La plus haute juridiction de l’ordre judiciaire a renvoyé les deux militants condamnés à Aix-en-Provence devant la cour d’appel de Lyon pour qu’ils y soient à nouveau jugés. « C’est une grande victoire », s’est félicité leur avocat Patrice Spinosi, saluant la reconnaissance d’une « exception humanitaire qui doit conduire à la relaxe » des deux hommes.

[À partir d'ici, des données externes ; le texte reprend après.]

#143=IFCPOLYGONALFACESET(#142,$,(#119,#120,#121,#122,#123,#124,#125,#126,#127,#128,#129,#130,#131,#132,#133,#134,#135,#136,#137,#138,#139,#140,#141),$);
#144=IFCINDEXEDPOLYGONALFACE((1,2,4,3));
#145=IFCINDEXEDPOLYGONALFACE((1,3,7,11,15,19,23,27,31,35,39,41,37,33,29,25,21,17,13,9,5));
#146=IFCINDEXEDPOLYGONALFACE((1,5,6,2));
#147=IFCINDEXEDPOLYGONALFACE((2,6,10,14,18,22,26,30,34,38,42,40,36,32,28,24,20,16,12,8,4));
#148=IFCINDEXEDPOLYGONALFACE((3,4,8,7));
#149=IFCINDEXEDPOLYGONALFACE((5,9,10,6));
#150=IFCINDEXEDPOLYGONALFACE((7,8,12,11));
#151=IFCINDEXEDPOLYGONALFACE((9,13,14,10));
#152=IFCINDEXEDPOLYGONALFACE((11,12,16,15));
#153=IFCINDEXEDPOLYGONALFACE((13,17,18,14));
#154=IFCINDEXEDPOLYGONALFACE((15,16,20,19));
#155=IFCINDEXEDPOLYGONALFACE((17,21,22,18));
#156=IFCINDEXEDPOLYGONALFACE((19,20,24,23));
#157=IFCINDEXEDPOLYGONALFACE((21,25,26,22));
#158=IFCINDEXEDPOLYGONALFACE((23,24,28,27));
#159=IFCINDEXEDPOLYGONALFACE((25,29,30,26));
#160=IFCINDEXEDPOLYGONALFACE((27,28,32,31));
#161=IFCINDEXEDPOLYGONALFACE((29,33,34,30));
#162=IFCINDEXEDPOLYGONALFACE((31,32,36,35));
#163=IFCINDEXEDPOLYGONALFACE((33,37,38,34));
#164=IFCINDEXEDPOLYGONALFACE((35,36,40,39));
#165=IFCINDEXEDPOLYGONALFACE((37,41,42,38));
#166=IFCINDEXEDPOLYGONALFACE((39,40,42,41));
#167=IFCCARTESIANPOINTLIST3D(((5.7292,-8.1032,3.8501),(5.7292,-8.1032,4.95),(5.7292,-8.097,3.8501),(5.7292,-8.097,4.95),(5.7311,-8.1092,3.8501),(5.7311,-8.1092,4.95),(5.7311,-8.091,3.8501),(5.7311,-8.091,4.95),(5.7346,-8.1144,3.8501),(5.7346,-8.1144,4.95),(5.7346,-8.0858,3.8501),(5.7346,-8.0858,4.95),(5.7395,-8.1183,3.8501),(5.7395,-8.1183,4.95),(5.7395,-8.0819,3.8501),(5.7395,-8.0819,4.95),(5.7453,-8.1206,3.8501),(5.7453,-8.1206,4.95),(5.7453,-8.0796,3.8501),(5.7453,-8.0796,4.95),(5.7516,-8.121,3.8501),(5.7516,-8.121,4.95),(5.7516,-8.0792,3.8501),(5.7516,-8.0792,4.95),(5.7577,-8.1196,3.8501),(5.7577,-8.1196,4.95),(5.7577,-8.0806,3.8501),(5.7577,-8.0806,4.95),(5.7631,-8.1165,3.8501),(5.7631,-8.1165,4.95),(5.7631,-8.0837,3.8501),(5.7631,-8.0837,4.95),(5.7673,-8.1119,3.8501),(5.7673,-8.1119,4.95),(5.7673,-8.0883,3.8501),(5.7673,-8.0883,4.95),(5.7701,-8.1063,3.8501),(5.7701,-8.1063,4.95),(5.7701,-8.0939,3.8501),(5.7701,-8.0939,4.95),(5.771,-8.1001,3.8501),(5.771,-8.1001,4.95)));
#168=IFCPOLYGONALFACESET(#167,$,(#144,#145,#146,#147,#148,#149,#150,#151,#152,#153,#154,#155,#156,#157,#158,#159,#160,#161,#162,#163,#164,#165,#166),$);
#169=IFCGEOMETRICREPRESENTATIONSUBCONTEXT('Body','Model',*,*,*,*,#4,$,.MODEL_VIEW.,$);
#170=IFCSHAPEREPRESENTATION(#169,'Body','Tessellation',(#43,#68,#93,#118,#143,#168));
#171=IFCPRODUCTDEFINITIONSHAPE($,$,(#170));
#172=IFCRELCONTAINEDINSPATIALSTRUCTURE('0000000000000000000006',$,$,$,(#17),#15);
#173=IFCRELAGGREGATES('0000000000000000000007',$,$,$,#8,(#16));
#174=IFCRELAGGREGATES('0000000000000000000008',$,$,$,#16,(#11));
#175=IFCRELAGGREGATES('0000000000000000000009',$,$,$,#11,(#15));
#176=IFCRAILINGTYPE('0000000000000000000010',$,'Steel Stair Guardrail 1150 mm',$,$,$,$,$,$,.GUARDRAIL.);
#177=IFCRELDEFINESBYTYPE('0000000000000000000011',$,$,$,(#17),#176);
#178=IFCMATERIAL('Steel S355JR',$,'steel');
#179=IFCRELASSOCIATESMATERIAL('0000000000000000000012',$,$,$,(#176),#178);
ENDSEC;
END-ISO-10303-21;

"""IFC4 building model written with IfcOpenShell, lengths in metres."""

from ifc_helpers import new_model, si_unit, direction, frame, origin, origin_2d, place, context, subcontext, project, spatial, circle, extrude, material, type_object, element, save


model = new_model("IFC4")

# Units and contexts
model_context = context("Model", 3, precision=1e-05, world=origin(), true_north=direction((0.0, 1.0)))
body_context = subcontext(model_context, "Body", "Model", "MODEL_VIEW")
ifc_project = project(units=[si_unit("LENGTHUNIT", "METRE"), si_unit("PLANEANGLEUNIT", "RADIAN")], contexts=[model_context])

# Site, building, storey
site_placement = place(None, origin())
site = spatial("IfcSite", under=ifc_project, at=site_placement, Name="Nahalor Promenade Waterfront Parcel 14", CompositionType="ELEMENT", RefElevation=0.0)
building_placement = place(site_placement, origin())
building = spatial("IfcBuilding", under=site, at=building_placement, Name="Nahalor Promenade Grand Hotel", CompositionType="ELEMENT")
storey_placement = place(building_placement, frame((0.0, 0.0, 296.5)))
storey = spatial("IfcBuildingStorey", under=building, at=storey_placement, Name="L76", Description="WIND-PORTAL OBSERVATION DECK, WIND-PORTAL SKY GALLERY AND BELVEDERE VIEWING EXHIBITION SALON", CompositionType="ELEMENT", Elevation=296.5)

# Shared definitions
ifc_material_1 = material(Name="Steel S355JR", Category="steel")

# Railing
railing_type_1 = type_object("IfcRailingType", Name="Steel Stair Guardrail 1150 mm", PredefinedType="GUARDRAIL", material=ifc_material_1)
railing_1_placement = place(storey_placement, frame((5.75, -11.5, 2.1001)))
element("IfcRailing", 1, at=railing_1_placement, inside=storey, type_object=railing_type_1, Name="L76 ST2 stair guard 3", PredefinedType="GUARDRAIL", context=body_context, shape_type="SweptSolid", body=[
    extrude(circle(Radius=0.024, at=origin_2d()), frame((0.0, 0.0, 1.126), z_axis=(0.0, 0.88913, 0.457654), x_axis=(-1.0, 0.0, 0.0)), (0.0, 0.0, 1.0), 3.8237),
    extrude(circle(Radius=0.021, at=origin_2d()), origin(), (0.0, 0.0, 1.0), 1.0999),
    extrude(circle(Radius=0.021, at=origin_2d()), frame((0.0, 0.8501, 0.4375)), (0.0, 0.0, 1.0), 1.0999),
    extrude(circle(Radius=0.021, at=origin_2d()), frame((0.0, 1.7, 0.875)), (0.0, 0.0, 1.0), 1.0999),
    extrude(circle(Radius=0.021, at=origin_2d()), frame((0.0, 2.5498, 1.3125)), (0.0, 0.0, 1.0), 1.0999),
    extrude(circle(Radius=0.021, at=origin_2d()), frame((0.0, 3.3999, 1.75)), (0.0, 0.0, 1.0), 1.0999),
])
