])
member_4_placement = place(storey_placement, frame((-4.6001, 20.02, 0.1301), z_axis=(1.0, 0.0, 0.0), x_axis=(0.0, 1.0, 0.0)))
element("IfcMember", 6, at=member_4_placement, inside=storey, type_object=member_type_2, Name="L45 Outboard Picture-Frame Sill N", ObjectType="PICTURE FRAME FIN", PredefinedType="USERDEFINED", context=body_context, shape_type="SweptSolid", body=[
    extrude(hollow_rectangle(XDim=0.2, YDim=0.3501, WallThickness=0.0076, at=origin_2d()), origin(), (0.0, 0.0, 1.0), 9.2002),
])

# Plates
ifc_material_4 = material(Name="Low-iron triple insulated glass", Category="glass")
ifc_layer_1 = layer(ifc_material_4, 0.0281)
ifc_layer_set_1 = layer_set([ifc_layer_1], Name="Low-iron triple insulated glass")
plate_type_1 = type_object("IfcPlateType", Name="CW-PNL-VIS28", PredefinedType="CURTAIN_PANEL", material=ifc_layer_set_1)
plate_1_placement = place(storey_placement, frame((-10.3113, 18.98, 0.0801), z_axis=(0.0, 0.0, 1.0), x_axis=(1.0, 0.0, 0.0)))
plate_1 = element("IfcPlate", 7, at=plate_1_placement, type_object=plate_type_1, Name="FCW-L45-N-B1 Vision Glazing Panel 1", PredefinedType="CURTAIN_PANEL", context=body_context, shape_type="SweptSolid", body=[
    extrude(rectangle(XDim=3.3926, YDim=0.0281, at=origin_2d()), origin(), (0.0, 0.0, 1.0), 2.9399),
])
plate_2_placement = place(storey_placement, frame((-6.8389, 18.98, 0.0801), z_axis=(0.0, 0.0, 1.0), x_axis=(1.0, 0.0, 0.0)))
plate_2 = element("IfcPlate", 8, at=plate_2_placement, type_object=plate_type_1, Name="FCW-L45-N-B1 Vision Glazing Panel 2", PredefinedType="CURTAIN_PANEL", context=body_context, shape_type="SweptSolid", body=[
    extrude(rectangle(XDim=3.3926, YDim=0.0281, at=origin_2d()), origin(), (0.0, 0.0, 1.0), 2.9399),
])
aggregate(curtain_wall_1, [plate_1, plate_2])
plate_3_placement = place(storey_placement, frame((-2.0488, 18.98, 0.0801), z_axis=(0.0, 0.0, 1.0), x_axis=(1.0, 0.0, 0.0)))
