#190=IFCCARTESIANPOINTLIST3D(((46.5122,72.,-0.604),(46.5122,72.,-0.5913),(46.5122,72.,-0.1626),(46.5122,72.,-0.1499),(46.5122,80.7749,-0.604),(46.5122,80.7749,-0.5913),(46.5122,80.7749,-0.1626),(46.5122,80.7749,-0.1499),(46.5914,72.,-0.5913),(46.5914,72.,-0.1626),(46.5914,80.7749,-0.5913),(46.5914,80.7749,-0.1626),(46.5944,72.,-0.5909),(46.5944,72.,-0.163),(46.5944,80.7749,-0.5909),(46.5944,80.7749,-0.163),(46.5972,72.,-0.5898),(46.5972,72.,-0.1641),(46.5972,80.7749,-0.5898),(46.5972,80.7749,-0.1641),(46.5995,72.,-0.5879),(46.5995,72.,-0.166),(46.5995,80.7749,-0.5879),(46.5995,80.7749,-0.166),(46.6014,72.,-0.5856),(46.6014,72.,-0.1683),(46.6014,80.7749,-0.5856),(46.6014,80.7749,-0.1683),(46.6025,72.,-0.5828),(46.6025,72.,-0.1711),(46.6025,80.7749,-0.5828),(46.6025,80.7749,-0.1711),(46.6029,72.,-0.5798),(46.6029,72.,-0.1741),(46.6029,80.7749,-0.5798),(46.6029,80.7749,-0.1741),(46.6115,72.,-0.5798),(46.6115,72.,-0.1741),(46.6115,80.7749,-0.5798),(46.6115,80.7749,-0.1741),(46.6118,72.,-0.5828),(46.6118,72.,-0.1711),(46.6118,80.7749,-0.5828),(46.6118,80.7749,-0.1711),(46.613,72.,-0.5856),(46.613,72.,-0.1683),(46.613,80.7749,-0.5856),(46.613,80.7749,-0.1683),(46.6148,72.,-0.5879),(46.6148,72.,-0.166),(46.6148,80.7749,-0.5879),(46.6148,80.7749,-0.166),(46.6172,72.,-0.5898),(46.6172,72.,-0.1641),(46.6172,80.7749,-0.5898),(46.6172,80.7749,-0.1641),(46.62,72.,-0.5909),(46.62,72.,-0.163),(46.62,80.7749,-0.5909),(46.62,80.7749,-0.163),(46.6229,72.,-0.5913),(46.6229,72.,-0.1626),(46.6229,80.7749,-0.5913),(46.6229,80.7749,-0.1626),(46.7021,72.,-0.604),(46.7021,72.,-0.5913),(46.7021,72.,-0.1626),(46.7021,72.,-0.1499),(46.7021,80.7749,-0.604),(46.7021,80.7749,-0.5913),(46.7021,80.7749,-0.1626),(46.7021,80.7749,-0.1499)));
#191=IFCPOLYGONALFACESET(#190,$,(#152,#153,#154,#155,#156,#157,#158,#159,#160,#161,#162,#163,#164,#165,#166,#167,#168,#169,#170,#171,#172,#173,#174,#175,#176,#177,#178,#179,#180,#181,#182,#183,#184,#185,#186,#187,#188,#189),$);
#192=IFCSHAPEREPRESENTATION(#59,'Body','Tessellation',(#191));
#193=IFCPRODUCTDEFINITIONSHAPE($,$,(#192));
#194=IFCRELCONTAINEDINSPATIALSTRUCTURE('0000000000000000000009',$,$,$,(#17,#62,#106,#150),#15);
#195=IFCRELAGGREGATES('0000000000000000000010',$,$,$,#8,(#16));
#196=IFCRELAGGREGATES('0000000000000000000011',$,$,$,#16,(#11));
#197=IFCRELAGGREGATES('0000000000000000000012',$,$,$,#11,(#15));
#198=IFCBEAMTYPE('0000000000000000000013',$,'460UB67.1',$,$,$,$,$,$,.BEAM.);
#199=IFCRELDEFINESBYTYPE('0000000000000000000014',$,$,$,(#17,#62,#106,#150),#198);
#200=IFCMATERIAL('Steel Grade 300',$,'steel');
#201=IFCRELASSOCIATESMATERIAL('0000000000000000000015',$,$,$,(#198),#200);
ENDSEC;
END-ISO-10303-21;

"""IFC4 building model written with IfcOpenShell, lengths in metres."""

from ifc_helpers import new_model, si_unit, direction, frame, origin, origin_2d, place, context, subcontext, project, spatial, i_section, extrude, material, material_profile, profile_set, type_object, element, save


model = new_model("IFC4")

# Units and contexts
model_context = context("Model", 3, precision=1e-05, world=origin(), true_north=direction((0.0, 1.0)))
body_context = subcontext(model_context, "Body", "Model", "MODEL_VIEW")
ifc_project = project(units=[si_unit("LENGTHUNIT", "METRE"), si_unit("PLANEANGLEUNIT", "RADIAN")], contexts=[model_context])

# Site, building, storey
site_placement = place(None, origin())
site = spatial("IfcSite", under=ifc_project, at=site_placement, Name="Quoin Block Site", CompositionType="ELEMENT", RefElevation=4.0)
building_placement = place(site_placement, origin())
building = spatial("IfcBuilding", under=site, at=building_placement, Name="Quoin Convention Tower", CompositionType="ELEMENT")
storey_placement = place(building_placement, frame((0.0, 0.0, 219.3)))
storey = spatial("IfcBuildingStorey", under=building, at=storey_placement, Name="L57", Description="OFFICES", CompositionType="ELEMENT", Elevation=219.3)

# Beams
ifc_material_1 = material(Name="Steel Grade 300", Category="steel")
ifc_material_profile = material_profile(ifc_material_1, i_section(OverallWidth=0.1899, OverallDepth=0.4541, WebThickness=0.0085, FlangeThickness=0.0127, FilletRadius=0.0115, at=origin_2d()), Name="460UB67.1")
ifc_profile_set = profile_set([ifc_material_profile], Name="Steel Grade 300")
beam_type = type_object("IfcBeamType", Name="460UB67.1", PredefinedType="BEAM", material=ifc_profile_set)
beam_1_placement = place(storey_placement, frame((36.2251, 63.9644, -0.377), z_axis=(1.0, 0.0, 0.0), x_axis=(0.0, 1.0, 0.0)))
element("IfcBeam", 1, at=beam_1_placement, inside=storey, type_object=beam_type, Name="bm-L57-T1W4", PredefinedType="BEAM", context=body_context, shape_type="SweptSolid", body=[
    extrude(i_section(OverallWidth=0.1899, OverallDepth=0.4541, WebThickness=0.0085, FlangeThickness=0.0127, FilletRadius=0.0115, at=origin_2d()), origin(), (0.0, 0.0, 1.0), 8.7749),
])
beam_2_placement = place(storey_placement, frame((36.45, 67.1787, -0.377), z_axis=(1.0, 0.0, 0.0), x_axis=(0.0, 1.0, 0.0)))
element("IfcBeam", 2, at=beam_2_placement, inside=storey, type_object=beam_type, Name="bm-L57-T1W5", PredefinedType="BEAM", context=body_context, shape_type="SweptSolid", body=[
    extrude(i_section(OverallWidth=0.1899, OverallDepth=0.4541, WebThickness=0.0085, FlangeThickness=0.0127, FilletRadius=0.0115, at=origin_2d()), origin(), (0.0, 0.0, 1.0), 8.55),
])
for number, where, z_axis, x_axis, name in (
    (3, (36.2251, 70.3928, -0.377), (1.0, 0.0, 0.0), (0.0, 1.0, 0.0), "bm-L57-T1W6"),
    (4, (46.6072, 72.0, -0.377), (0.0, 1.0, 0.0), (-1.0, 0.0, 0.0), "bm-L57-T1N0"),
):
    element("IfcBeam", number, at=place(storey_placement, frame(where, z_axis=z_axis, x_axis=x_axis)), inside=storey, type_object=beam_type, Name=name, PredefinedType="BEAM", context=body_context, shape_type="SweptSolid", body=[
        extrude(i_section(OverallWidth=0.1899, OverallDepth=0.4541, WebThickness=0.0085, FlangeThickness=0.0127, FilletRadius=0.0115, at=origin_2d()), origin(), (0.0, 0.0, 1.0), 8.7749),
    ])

Cédric Herrou, devenu une figure de l’aide aux migrants, a été condamné en août 2017 par la cour d’appel d’Aix-en-Provence à quatre mois de prison avec sursis, pour avoir « facilité la circulation et le séjour » de migrants, ainsi que pour les avoir aidés à passer la frontière franco-italienne.

Pas d’immunité pour les militants

La même cour a condamné en septembre 2017 le chercheur Pierre-Alain Mannoni à deux mois de prison avec sursis pour avoir aidé et transporté trois migrantes érythréennes. La cour d’appel l’a reconnu coupable d’avoir « facilité la circulation et le séjour » des migrantes.

La cour d’appel avait estimé que l’immunité pénale qui était prévue dans certaines circonstances par la loi ne pouvait pas s’appliquer à ces prévenus car ce sont des militants. Les deux hommes ont ensuite déposé un recours devant le Conseil constitutionnel.

Le 6 juillet, ce dernier a consacré le « principe de fraternité », duquel découle « la liberté d’aider autrui, dans un but humanitaire, sans considération de la régularité de son séjour sur le territoire national ».